Yarkovsky effect

The Yarkovky effect is implemented according to [VokrouhlickyFarinella99] and [VokrouhlickyMilaniChesley00] and is available in the schemes (we recommend scheme 1):

  • Velocity kick \(\mathbf{a_Y}\)
    set Use Yarkovsky = 1 in the param.dat file.
    See Equation (7) and (8)
  • Time averaged change in sami-major axis \(\frac{da}{dt}\)
    set Use Yarkovsky = 2 in the param.dat file.
    See Equation (9) and (10)
The following parameters are relevant for the Yarkovsky effect and can be set in the param.dat file:
  • Use Yarkovsky

  • Solar Constant: Solar Constant at 1 AU in W / \(\text{m}^2\)

  • Asteroid eps: Emissivity factor

  • Asteroid rho: density of the body in kg/ \(\text{m}^3\)

  • Asteroid C: Specific Heat Capacity in \(\text{J} \, \text{kg}^{-1} \text{K}^{-1}\)

  • Asteroid A: Bond albedo

  • Asteroid K: Thermal conductivity in \(\text{W} \, \text{m}^{-1} \text{K}^{-1}\)

Note that the calculation of the Yarkovsky effect uses the Asteroid rho value for the calculation of the thermal inertia \(\Gamma\) and not the individual particle densities.

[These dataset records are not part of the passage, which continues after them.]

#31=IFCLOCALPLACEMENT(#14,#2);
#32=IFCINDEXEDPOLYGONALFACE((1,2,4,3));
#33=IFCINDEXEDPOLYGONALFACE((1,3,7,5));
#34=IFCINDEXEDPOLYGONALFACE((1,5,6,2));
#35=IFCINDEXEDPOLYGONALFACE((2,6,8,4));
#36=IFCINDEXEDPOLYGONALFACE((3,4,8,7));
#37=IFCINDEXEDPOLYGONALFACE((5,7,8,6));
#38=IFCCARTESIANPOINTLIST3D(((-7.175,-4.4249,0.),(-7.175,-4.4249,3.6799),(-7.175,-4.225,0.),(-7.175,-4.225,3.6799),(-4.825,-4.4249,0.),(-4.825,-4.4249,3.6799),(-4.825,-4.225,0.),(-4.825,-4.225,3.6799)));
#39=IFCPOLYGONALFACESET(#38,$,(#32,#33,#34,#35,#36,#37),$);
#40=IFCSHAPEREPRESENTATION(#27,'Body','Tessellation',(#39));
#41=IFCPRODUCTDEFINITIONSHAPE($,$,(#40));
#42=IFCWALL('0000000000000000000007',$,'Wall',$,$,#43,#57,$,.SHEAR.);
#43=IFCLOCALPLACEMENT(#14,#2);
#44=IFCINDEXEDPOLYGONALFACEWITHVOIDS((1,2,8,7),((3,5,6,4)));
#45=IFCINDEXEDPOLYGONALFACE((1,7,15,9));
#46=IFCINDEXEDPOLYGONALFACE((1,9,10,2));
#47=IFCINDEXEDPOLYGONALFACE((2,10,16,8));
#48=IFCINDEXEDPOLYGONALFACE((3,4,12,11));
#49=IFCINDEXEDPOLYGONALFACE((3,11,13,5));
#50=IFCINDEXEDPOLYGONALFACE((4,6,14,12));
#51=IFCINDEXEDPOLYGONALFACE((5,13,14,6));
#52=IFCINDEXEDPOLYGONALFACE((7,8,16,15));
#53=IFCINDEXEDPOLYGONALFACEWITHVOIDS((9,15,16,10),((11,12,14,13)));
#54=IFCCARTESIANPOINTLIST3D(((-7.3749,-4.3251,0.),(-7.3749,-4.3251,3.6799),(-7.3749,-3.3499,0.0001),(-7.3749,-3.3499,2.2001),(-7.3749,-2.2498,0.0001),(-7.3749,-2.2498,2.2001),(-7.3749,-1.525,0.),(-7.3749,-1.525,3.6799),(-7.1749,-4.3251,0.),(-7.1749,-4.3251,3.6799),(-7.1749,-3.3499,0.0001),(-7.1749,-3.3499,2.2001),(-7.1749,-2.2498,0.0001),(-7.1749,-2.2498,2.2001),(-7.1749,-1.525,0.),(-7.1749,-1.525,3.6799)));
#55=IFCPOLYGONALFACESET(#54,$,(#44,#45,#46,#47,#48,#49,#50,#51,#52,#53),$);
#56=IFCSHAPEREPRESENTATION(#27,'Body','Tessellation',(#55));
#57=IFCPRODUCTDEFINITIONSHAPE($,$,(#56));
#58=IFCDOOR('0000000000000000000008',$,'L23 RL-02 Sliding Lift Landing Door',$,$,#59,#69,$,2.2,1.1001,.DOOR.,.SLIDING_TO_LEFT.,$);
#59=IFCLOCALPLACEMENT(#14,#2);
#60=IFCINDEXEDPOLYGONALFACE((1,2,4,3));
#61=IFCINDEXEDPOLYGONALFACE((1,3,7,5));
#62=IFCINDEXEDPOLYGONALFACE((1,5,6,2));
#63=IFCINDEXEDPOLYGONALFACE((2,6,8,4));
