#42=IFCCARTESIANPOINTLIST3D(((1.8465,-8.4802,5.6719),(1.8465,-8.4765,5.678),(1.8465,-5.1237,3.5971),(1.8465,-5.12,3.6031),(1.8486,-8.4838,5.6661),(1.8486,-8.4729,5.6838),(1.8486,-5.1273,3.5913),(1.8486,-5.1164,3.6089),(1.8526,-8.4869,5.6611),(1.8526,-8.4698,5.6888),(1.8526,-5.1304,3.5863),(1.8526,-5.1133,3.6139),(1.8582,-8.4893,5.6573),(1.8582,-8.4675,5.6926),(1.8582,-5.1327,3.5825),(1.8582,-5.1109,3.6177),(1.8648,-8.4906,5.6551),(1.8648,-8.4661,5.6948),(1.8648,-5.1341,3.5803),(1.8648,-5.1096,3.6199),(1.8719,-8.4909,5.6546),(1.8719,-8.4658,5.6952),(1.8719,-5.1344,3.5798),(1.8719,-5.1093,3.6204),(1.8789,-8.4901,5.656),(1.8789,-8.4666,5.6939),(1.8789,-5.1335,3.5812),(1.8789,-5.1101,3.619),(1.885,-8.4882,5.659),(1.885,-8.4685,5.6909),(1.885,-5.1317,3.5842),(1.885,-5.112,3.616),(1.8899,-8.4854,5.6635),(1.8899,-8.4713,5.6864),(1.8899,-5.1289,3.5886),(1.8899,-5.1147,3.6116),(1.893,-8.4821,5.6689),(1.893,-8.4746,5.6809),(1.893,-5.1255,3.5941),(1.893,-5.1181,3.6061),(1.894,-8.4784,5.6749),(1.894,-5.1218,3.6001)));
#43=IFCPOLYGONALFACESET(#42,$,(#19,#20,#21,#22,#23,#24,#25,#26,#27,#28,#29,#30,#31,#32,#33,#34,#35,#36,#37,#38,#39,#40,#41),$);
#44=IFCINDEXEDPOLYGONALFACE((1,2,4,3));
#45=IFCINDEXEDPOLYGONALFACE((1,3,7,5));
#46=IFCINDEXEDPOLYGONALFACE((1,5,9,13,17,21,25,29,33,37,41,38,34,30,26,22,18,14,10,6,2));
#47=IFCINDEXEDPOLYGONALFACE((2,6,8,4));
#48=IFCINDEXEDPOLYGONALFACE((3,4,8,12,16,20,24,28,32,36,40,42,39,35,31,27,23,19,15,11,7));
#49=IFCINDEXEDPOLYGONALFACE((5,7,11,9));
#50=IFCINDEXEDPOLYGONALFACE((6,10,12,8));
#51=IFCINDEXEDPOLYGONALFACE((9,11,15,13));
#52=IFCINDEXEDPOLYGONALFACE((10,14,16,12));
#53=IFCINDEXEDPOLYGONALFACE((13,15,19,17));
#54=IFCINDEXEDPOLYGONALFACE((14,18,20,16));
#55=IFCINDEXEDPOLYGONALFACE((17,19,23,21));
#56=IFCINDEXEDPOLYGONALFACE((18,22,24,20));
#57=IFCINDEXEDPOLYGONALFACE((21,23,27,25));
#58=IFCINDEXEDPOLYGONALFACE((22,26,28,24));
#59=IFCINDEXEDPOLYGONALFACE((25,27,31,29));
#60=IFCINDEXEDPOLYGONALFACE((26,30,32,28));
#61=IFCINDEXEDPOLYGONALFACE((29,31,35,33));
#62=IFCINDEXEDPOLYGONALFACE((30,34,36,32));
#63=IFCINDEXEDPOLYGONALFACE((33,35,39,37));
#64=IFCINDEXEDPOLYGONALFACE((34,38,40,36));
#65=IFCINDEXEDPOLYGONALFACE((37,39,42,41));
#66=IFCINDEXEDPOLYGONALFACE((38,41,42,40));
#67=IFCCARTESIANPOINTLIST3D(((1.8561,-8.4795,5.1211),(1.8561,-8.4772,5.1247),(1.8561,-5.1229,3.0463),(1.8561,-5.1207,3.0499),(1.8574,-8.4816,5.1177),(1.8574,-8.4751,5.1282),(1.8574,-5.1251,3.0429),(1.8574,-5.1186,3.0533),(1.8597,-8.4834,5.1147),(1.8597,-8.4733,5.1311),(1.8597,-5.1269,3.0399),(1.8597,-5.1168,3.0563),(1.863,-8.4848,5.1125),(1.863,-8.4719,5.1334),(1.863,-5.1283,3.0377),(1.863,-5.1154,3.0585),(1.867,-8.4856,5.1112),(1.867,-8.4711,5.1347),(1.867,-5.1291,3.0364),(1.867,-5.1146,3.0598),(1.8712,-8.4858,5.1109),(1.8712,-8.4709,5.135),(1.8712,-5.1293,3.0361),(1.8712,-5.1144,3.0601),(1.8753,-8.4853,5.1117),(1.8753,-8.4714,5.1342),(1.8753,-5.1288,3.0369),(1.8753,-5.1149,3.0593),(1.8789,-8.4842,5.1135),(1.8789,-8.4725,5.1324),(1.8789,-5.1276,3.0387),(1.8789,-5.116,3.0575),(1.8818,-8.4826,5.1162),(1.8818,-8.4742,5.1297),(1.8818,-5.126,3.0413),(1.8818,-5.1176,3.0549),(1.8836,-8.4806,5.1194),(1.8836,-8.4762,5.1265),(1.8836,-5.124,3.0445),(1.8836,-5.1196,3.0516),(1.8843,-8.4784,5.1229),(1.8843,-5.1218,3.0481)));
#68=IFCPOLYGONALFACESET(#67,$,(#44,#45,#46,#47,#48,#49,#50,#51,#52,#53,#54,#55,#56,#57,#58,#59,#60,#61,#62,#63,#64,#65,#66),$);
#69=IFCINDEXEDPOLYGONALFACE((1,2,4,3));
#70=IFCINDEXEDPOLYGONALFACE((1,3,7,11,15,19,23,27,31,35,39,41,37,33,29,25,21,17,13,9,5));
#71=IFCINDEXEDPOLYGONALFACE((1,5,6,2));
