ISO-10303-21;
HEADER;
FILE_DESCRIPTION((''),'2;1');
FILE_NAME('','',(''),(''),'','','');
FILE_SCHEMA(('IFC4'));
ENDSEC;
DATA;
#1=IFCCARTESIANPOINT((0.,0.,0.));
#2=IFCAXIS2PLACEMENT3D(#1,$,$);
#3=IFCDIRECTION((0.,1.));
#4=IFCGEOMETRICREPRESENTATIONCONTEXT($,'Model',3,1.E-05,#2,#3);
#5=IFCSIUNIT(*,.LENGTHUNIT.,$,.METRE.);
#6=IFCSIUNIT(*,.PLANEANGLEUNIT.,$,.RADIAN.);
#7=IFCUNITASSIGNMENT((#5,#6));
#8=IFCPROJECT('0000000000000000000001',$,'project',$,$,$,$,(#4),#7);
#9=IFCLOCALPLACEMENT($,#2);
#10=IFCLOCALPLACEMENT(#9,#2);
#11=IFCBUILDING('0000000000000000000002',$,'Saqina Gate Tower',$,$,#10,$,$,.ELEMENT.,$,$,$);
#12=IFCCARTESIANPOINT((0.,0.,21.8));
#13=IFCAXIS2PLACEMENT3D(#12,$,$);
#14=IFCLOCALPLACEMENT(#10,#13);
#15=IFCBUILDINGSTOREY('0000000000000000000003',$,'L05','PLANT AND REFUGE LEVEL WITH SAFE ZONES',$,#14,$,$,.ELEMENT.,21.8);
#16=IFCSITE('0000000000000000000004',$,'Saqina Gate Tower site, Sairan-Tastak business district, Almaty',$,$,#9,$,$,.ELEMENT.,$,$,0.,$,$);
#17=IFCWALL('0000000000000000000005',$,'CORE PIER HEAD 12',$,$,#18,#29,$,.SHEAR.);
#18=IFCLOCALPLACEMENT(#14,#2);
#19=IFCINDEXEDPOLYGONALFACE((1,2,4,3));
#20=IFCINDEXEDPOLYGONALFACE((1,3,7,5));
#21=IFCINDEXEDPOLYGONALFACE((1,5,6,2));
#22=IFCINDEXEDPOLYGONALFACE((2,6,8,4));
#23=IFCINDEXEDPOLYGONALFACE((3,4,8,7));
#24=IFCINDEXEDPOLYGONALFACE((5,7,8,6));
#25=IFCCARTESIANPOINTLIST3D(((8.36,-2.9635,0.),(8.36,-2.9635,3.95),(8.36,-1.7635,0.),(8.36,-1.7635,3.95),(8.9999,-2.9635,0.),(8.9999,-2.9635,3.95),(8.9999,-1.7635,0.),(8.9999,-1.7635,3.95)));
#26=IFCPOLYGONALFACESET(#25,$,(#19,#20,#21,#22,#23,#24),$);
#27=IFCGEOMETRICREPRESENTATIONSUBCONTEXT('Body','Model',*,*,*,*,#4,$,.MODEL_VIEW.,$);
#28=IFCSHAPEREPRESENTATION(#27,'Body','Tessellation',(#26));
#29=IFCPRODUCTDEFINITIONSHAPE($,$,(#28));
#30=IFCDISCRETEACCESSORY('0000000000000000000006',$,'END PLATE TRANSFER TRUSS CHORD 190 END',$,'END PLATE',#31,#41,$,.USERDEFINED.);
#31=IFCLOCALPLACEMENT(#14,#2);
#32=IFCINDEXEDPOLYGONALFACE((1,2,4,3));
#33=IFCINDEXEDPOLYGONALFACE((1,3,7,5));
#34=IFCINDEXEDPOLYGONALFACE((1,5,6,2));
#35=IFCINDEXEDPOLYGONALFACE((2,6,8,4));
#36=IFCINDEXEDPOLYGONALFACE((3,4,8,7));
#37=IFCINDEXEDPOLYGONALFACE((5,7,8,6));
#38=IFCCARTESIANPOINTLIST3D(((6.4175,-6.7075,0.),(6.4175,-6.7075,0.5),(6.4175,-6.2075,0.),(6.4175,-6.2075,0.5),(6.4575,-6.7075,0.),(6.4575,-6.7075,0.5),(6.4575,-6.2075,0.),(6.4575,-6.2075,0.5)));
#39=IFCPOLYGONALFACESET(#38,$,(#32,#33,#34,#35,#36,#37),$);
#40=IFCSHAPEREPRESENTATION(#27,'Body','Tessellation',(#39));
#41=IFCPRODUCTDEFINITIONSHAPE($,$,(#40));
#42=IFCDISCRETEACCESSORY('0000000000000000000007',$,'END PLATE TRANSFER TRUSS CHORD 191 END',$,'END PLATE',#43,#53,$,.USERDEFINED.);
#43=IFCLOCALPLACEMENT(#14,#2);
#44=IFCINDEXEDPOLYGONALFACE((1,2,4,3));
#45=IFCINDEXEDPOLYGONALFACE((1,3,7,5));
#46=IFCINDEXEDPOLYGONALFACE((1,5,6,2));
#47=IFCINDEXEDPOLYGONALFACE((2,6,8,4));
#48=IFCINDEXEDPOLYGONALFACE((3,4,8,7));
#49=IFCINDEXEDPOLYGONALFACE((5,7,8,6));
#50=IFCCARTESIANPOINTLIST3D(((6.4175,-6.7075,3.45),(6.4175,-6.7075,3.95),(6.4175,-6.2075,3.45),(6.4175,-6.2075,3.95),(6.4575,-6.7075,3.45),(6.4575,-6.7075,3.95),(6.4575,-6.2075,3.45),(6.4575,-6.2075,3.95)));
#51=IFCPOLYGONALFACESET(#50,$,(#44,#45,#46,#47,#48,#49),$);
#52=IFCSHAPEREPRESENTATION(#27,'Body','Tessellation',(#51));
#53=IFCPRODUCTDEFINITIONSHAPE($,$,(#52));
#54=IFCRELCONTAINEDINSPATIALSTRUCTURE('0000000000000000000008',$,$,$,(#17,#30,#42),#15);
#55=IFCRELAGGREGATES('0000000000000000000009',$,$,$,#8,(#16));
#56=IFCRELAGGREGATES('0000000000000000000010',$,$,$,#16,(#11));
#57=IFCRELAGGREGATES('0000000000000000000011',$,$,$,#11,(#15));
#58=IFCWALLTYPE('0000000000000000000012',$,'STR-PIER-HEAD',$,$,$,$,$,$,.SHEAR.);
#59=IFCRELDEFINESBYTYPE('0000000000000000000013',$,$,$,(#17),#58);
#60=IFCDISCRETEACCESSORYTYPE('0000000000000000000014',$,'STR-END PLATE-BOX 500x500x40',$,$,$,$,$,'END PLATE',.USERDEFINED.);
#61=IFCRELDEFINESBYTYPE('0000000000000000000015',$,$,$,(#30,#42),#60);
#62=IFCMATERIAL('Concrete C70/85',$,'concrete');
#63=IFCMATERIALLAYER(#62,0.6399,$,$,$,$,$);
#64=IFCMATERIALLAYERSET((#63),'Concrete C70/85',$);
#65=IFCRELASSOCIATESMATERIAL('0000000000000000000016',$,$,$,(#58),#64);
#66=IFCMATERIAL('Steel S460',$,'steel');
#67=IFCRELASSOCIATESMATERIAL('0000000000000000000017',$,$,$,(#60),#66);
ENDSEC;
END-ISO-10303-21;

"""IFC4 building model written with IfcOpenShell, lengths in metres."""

from ifc_helpers import new_model, si_unit, direction, frame, frame_2d, origin, origin_2d, place, context, subcontext, project, spatial, rectangle, extrude, material, layer, layer_set, material_profile, profile_set, type_object, element, save


model = new_model("IFC4")

# Units and contexts
model_context = context("Model", 3, precision=1e-05, world=origin(), true_north=direction((0.0, 1.0)))
body_context = subcontext(model_context, "Body", "Model", "MODEL_VIEW")
ifc_project = project(units=[si_unit("LENGTHUNIT", "METRE"), si_unit("PLANEANGLEUNIT", "RADIAN")], contexts=[model_context])

# Site, building, storey
site_placement = place(None, origin())
site = spatial("IfcSite", under=ifc_project, at=site_placement, Name="Saqina Gate Tower site, Sairan-Tastak business district, Almaty", CompositionType="ELEMENT", RefElevation=0.0)
building_placement = place(site_placement, origin())
building = spatial("IfcBuilding", under=site, at=building_placement, Name="Saqina Gate Tower", CompositionType="ELEMENT")
storey_placement = place(building_placement, frame((0.0, 0.0, 21.8)))
storey = spatial("IfcBuildingStorey", under=building, at=storey_placement, Name="L05", Description="PLANT AND REFUGE LEVEL WITH SAFE ZONES", CompositionType="ELEMENT", Elevation=21.8)

# Wall
ifc_material_1 = material(Name="Concrete C70/85", Category="concrete")
ifc_layer_1 = layer(ifc_material_1, 0.6399)
ifc_layer_set_1 = layer_set([ifc_layer_1], Name="Concrete C70/85")
wall_type_1 = type_object("IfcWallType", Name="STR-PIER-HEAD", PredefinedType="SHEAR", material=ifc_layer_set_1)
wall_1_placement = place(storey_placement, frame((8.6799, -2.9636, 0.0), z_axis=(0.0, 0.0, 1.0), x_axis=(0.0, 1.0, 0.0)))
element("IfcWall", 1, at=wall_1_placement, inside=storey, type_object=wall_type_1, Name="CORE PIER HEAD 12", PredefinedType="SHEAR", context=body_context, shape_type="SweptSolid", body=[
    extrude(rectangle(XDim=1.2, YDim=0.6399, at=frame_2d((0.6001, 0.0))), origin(), (0.0, 0.0, 1.0), 3.95),
])

# Discrete accessories
ifc_material_2 = material(Name="Steel S460", Category="steel")
ifc_material_profile_1 = material_profile(ifc_material_2, rectangle(XDim=0.5, YDim=0.5, at=origin_2d()), Name="STR-END PLATE-BOX 500x500x40")
ifc_profile_set_1 = profile_set([ifc_material_profile_1], Name="Steel S460")
discrete_accessory_type = type_object("IfcDiscreteAccessoryType", Name="STR-END PLATE-BOX 500x500x40", ElementType="END PLATE", PredefinedType="USERDEFINED", material=ifc_profile_set_1)
for number, where, z_axis, x_axis, name in (
    (2, (6.4575, -6.4575, 0.25), (-1.0, 0.0, 0.0), (0.0, -1.0, 0.0), "END PLATE TRANSFER TRUSS CHORD 190 END"),
    (3, (6.4575, -6.4575, 3.7), (-1.0, 0.0, 0.0), (0.0, -1.0, 0.0), "END PLATE TRANSFER TRUSS CHORD 191 END"),
):
    element("IfcDiscreteAccessory", number, at=place(storey_placement, frame(where, z_axis=z_axis, x_axis=x_axis)), inside=storey, type_object=discrete_accessory_type, Name=name, ObjectType="END PLATE", PredefinedType="USERDEFINED", context=body_context, shape_type="SweptSolid", body=[
        extrude(rectangle(XDim=0.5, YDim=0.5, at=origin_2d()), origin(), (0.0, 0.0, 1.0), 0.04),
    ])

save(model, "model.ifc")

(7)\[\mathbf{a}_{seasonal} = \frac{4}{9}\frac{(1 - A) \Phi}{(1 + \lambda)} \times \sum_{k \ge 1} G_k\left[s_P \alpha _k \cos (knt + \delta_k) + s_Q \beta_k \sin(knt + \delta_k) \right] \mathbf{s},\]
(8)\[\mathbf{a}_{diurnal} = \frac{4}{9}\frac{(1 - A) \Phi}{(1 + \lambda)} G\left[\sin \delta + \cos \delta \mathbf{s} \times \right] \frac{\mathbf{r} \times \mathbf{s}}{r}.\]
(9)\[\left(\frac{da}{dt} \right)_{diurnal} = - \frac{8}{9} \frac{(1-A)\Phi}{n} \frac{G \sin \delta}{1 + \lambda} \cos \gamma\]
(10)\[\left(\frac{da}{dt} \right)_{seasonal} = \frac{4}{9} \frac{(1-A)\Phi}{n} \sum_{k \ge 1} \frac{G_k \sin \delta_k}{k} \chi_k \bar{\chi_k},\]

Set the call interval

With the parameter Yarkovky Inteval the calling interval of the Yarkovsky function can be set. This means that the function is called fewer times, and in increased drift rate \(dx = a * dt * YarkovskyInterval\). With the time averaged Yarkovsky function (mode 2) it is possible to use quite large interval numbers. The direct Yarkovsky effect (mode 1) is more sensitive to values greater than \(\approx 100\). Strictly speaking ,this argument violets the symplectic nature of the integrator, but as long as the Yarkovky force is small it is OK.

Test of the Yarkovsky effet

In Fig. 13 is shown a test of the Yarkovsky effect following [FarinellaVokrouhlickyHartmann98] and [BRB00].

Relevant parameters for this example:
  • Use Yarkovsky = 1 (2)

  • Asteroid emissivity eps = 1.0

  • Asteroid density rho = 3500.0

  • Asteroid specific heat capacity C = 680.0

  • Asteroid albedo A = 0.0

  • Asteroid thermal conductivity K = 2.65

  • Solar Constant = 1367

Initial conditions:
  • Semi-major axis a = 2 AU

  • Eccentricity = 0

  • Inclination = 0

  • Argument of perihelion = 0 - 2 \(\pi\)

  • Longitude of ascending node = 0 - 2 \(\pi\)

  • Mean anomaly = 0 - 2 \(\pi\)

  • Density \(\rho\) = 3500.0 kg/m^3

  • Physical radius R = 0.1 - 100 m

  • Rotation frequency \(\omega\) = 5 h

  • Obliquity \(\gamma_{\text{Seasonal}}\) = \(90^\circ\)

  • Obliquity \(\gamma_{\text{Diurnal}}\) = 0

_images/Yarkovsky.png

Fig. 13 Drift rate of the seasonal and diurnal Yarkovsky effect. Computed after 10000 years and averaged over 1 orbit.